Converting object to Int pandas

Hello I have an issue to convert column of object to integer for complete column.
I have a data frame and I tried to convert some columns that are detected as Object into Integer (or Float) but all the answers I already found are working for me
First status
Then I tried to apply the to_numeric method but doesn't work.
To numeric method
Then a custom method that you can find here: Pandas: convert dtype 'object' to int
but doesn't work either: data3['Title'].astype(str).astype(int)
( I cannot pass the image anymore - You have to trust me that it doesn't work)
I tried to use the inplace statement but doesn't seem to be integrated in those methods:
I am pretty sure that the answer is dumb but cannot find it
You need assign output back:
#maybe also works omit astype(str)
data3['Title'] = data3['Title'].astype(str).astype(int)
Or:
data3['Title'] = pd.to_numeric(data3['Title'])
Sample:
data3 = pd.DataFrame({'Title':['15','12','10']})
print (data3)
Title
0 15
1 12
2 10
print (data3.dtypes)
Title object
dtype: object
data3['Title'] = pd.to_numeric(data3['Title'])
print (data3.dtypes)
Title int64
dtype: object
data3['Title'] = data3['Title'].astype(int)
print (data3.dtypes)
Title int32
dtype: object
As python_enthusiast said ,
This command works for me too
data3.Title = data3.Title.str.replace(',', '').astype(float).astype(int)
but also works fine with
data3.Title = data3.Title.str.replace(',', '').astype(int)
you have to use str before replace in order to get rid of commas only then change it to int/float other wise you will get error .
2 years and 11 months later, but here I go.
It's important to check if your data has any spaces, special characters (like commas, dots, or whatever else) first. If yes, then you need to basically remove those and then convert your string data into float and then into an integer (this is what worked for me for the case where my data was numerical values but with commas, like 4,118,662).
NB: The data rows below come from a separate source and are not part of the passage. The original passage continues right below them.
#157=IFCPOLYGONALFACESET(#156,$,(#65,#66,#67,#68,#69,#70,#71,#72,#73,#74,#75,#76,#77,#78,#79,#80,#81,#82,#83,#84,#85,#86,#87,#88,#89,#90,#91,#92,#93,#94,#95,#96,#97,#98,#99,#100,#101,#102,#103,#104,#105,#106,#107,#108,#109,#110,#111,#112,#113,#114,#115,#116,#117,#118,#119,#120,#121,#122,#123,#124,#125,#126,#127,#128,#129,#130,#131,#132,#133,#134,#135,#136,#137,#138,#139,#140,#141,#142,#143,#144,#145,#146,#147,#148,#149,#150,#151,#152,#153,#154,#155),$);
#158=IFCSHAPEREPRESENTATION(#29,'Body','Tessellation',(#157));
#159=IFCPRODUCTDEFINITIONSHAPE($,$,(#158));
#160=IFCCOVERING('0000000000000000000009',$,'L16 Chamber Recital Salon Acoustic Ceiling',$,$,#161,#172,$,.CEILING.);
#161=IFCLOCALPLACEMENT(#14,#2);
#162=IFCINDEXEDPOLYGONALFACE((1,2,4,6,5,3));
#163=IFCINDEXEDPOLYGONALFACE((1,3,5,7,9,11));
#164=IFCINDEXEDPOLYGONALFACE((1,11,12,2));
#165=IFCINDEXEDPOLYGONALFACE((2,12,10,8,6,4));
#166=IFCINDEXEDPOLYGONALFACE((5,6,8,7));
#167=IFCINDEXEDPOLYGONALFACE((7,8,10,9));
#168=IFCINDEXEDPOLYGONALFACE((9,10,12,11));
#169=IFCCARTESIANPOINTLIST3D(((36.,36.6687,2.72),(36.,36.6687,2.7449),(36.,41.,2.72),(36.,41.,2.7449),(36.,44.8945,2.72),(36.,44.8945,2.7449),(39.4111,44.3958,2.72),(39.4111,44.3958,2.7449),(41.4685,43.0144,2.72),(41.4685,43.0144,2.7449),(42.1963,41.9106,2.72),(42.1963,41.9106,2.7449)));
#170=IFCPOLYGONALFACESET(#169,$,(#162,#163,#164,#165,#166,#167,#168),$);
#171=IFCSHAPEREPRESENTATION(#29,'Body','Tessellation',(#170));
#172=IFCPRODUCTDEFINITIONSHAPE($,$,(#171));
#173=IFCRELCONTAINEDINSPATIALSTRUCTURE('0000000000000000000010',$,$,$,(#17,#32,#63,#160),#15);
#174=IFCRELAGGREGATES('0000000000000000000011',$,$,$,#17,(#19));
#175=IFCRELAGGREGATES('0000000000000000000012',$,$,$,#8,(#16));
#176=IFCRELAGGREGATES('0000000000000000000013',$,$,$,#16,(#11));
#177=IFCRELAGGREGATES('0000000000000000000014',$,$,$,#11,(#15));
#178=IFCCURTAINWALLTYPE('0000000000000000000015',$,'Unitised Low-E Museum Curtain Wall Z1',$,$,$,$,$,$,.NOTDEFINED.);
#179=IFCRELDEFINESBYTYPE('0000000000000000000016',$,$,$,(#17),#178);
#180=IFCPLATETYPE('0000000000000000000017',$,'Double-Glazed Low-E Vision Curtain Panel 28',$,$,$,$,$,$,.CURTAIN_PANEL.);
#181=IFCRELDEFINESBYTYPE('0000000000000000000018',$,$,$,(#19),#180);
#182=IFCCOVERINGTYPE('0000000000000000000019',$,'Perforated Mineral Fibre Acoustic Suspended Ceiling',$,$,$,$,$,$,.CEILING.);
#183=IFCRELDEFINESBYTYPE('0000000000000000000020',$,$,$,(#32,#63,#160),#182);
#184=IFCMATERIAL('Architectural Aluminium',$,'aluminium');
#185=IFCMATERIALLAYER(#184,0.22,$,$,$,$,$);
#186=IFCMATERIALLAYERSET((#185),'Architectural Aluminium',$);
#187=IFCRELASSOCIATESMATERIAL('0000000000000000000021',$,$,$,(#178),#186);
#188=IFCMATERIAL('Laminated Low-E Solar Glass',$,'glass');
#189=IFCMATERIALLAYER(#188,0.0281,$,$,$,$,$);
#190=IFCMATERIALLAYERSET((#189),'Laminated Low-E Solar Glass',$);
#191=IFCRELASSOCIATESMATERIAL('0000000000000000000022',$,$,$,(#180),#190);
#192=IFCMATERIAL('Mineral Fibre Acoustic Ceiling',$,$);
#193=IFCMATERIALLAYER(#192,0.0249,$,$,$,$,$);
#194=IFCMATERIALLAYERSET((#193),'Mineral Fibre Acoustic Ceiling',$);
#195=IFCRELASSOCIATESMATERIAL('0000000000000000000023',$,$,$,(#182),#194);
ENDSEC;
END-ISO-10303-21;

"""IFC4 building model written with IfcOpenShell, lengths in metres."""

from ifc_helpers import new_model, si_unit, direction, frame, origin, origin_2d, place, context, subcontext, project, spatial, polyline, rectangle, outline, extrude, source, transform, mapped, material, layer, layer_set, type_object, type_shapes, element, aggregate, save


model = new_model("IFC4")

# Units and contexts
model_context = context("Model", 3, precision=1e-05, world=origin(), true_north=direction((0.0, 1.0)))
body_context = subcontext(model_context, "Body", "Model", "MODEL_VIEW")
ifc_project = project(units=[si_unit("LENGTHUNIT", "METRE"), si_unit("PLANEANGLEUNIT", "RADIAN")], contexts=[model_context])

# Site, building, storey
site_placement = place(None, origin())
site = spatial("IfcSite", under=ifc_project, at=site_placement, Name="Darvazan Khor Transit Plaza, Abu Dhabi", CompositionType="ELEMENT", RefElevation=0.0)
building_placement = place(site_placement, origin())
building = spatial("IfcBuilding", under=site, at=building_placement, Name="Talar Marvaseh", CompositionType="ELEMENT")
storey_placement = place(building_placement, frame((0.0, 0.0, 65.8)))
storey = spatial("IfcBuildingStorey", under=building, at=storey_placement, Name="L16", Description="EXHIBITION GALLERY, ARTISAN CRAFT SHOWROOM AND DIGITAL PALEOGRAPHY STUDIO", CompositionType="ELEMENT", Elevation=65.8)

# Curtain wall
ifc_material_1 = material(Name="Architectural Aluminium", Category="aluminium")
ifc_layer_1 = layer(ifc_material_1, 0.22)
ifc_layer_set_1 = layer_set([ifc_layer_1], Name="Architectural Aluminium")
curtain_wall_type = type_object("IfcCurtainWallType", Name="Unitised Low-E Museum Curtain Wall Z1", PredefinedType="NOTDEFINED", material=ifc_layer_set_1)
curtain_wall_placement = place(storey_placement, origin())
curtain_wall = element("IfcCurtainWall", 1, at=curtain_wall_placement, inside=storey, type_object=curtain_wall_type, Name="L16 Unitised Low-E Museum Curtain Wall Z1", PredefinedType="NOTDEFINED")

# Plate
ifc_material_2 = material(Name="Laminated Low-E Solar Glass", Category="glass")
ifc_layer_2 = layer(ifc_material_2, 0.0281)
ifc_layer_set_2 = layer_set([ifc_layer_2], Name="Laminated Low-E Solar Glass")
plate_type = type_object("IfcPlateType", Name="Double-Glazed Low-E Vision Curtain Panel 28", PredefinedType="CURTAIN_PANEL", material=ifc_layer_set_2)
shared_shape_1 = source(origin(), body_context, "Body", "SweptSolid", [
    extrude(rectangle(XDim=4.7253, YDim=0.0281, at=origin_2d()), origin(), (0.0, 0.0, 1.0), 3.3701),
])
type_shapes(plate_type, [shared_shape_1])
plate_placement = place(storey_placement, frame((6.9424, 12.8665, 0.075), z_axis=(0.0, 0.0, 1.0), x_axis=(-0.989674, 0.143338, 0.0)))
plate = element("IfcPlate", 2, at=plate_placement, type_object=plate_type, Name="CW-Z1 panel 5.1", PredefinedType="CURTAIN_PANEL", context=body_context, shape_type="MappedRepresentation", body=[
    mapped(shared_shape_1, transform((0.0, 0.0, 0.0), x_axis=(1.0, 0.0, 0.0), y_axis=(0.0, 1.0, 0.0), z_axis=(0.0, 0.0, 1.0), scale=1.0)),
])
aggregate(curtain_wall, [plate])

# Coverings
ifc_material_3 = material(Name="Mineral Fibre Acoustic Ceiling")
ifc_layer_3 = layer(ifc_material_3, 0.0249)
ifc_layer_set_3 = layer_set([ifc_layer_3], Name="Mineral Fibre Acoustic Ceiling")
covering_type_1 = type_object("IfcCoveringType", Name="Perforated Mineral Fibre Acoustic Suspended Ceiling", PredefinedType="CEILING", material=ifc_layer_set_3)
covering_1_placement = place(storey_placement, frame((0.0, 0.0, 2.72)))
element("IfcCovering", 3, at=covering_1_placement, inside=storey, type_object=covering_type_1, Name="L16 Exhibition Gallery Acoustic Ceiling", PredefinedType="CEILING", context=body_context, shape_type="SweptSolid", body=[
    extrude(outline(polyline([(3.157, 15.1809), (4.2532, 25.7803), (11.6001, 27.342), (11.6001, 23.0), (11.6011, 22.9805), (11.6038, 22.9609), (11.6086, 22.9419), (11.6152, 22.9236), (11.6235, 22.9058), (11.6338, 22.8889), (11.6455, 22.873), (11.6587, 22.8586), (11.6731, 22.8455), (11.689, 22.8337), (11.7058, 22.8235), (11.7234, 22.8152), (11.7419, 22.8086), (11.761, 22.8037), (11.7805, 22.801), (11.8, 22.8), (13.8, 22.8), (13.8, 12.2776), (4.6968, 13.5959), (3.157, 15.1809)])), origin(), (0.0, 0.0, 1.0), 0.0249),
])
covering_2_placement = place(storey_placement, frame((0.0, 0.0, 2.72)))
data3.Title = data3.Title.str.replace(',', '').astype(flaoat).astype(int)
also you can try this code, work fine with me
data3.Title= pd.factorize(data3.Title)[0]
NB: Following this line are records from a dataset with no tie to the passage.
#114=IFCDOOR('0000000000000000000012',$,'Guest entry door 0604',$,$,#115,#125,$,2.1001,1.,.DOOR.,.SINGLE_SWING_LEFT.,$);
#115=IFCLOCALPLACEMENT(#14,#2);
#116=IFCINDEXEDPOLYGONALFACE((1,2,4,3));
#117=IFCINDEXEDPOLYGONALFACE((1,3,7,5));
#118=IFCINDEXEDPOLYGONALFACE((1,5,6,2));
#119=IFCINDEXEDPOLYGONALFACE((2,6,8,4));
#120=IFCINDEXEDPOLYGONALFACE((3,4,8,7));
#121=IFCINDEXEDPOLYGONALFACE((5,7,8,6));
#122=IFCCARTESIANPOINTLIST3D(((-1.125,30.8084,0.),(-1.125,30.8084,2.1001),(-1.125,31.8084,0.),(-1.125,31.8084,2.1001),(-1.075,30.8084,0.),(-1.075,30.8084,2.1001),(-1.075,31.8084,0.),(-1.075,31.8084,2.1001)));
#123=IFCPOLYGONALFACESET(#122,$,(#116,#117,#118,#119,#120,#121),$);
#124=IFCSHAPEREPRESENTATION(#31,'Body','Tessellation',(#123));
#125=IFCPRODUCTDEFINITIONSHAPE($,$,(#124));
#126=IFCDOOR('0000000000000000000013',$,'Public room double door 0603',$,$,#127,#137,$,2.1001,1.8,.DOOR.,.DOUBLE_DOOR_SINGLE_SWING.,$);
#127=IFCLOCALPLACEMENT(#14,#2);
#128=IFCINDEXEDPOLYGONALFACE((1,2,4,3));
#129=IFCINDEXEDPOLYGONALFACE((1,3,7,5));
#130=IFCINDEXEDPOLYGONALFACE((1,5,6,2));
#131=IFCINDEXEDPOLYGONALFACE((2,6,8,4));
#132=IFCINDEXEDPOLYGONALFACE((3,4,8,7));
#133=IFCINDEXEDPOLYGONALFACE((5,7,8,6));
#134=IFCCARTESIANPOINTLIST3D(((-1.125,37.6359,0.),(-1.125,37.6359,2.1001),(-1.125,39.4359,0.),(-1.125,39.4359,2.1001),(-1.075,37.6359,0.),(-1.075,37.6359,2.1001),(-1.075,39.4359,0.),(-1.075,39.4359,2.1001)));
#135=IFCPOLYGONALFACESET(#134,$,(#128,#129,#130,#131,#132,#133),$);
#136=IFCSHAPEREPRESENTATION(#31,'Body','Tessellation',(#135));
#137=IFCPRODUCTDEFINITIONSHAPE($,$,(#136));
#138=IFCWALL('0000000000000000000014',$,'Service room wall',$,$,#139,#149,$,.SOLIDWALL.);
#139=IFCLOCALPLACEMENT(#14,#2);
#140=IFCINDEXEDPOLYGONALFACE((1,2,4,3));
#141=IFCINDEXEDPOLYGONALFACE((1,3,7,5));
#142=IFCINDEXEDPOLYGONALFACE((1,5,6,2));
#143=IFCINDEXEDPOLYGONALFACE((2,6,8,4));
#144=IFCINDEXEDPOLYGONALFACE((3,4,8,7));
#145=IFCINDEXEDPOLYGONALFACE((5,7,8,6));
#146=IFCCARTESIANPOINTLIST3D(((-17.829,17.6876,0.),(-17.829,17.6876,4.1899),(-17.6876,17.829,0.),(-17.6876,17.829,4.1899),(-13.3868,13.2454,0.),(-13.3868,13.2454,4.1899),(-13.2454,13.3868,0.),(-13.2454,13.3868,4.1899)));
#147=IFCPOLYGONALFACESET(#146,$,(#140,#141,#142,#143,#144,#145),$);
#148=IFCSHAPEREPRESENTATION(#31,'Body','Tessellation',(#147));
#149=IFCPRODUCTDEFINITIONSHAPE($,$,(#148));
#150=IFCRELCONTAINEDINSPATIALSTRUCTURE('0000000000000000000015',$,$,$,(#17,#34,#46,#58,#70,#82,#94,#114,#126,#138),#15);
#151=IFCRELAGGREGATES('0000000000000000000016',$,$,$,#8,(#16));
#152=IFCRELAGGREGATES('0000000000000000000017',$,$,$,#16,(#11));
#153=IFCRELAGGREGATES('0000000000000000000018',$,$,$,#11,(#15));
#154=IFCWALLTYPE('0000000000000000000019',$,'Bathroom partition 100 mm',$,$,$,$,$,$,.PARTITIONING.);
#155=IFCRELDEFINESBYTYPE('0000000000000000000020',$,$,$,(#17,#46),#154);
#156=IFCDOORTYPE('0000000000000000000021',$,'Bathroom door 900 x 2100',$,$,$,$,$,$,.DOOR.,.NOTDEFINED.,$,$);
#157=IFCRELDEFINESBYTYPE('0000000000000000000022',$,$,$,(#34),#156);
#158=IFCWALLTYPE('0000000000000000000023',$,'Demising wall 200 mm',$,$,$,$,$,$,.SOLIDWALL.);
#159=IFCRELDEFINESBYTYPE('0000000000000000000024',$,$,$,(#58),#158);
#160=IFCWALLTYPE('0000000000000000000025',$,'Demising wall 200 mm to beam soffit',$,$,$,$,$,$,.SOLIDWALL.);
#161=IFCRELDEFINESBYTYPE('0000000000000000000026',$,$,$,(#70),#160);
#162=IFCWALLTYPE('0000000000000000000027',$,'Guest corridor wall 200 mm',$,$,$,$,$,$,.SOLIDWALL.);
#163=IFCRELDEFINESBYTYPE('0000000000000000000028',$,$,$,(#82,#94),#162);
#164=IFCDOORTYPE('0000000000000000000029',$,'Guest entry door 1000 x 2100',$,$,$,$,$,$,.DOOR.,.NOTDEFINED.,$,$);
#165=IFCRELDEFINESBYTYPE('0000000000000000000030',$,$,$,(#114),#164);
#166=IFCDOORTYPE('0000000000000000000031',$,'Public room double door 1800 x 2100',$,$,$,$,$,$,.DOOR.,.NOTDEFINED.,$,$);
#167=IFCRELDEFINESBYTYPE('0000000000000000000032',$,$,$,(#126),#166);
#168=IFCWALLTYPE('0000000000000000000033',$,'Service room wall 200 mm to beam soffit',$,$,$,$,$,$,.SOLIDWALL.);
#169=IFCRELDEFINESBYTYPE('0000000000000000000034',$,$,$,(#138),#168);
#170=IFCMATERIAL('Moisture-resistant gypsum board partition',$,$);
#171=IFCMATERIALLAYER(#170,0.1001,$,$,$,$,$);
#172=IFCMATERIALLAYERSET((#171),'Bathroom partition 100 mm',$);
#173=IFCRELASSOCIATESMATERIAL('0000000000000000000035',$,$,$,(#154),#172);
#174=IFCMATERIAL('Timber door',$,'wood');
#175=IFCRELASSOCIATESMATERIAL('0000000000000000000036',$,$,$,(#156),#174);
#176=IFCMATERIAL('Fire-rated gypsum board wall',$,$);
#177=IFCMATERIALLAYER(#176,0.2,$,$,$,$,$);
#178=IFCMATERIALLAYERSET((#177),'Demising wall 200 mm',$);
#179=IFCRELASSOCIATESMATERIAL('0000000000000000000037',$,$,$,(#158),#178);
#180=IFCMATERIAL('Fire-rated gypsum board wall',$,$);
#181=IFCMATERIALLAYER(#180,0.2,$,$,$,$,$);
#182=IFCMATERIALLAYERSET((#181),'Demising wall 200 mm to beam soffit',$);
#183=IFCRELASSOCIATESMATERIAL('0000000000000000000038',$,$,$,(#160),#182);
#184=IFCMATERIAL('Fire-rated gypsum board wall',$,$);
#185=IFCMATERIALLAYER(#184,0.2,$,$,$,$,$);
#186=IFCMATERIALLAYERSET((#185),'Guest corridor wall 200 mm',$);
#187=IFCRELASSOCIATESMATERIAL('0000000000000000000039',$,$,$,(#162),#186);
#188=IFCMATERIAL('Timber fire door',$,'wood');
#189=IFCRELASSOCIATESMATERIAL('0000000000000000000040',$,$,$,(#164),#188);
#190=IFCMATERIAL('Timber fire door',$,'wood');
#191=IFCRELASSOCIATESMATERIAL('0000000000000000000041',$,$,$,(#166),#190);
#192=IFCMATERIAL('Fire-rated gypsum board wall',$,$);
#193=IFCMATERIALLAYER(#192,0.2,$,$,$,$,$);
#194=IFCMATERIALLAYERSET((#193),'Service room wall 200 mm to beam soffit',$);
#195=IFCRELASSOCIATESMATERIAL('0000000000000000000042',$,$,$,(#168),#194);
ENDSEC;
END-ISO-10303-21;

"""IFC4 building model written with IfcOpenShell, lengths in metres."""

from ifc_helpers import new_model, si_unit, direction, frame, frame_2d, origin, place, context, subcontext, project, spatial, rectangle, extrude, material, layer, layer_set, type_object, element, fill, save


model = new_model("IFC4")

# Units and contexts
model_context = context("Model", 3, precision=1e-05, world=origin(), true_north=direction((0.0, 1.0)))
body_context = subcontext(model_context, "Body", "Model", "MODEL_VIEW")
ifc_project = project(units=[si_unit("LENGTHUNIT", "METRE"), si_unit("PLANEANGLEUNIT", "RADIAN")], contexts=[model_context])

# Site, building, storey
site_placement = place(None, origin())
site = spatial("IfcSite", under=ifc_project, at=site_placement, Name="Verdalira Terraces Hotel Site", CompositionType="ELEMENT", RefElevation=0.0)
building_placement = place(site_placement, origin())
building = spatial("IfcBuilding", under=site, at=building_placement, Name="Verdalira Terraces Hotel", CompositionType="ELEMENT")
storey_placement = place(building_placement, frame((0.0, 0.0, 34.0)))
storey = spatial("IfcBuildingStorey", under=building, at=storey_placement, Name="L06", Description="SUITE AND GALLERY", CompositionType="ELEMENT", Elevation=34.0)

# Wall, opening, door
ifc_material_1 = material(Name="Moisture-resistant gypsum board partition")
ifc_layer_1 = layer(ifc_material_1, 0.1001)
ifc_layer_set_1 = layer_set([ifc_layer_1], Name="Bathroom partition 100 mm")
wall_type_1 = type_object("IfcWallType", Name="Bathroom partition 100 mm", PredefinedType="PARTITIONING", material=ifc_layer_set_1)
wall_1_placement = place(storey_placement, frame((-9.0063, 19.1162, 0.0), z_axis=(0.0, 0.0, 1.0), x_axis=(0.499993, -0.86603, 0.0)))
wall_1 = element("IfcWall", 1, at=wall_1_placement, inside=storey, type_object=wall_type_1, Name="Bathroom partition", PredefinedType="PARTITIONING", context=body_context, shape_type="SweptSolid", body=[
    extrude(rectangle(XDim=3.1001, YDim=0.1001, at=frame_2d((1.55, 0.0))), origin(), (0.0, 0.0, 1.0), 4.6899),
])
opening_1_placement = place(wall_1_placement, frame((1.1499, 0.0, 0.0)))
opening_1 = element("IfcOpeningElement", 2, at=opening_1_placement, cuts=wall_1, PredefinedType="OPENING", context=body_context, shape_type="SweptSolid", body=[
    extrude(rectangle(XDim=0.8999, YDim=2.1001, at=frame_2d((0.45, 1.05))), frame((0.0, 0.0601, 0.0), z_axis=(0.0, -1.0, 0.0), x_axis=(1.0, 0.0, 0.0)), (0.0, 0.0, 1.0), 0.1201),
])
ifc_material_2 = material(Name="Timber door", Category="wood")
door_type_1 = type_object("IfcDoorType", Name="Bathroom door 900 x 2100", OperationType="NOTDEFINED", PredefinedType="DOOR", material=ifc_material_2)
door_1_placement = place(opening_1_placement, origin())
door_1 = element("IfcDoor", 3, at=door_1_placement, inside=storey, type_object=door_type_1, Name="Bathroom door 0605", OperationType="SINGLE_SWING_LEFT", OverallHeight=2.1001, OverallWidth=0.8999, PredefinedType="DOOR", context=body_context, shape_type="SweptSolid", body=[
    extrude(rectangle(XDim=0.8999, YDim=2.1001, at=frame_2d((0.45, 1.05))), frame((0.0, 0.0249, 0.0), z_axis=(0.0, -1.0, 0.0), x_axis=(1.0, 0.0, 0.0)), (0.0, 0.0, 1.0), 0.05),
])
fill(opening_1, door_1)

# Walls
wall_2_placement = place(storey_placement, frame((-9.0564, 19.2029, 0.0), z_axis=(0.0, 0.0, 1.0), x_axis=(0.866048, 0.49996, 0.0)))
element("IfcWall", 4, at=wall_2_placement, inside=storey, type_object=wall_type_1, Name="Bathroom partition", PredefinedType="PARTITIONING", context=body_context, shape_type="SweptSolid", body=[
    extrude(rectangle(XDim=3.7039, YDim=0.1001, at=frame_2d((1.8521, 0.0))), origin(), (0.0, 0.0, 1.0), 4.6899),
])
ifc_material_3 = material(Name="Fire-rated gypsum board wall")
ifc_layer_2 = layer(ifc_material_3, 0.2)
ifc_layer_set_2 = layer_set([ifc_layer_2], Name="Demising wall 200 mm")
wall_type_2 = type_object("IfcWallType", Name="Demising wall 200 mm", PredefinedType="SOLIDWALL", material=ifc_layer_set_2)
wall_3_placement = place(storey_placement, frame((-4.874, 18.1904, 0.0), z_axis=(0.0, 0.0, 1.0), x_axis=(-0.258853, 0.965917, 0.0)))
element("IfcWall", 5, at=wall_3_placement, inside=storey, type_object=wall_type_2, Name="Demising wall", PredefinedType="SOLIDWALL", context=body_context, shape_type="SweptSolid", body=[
Version that works with Nulls
With older version of Pandas there was no NaN for int but newer versions of pandas offer Int64 which has pd.NA.
So to go from object to int with missing data you can do this.
df['col'] = df['col'].astype(float)
df['col'] = df['col'].astype('Int64')
By switching to float first you avoid object cannot be converted to an IntegerDtype error.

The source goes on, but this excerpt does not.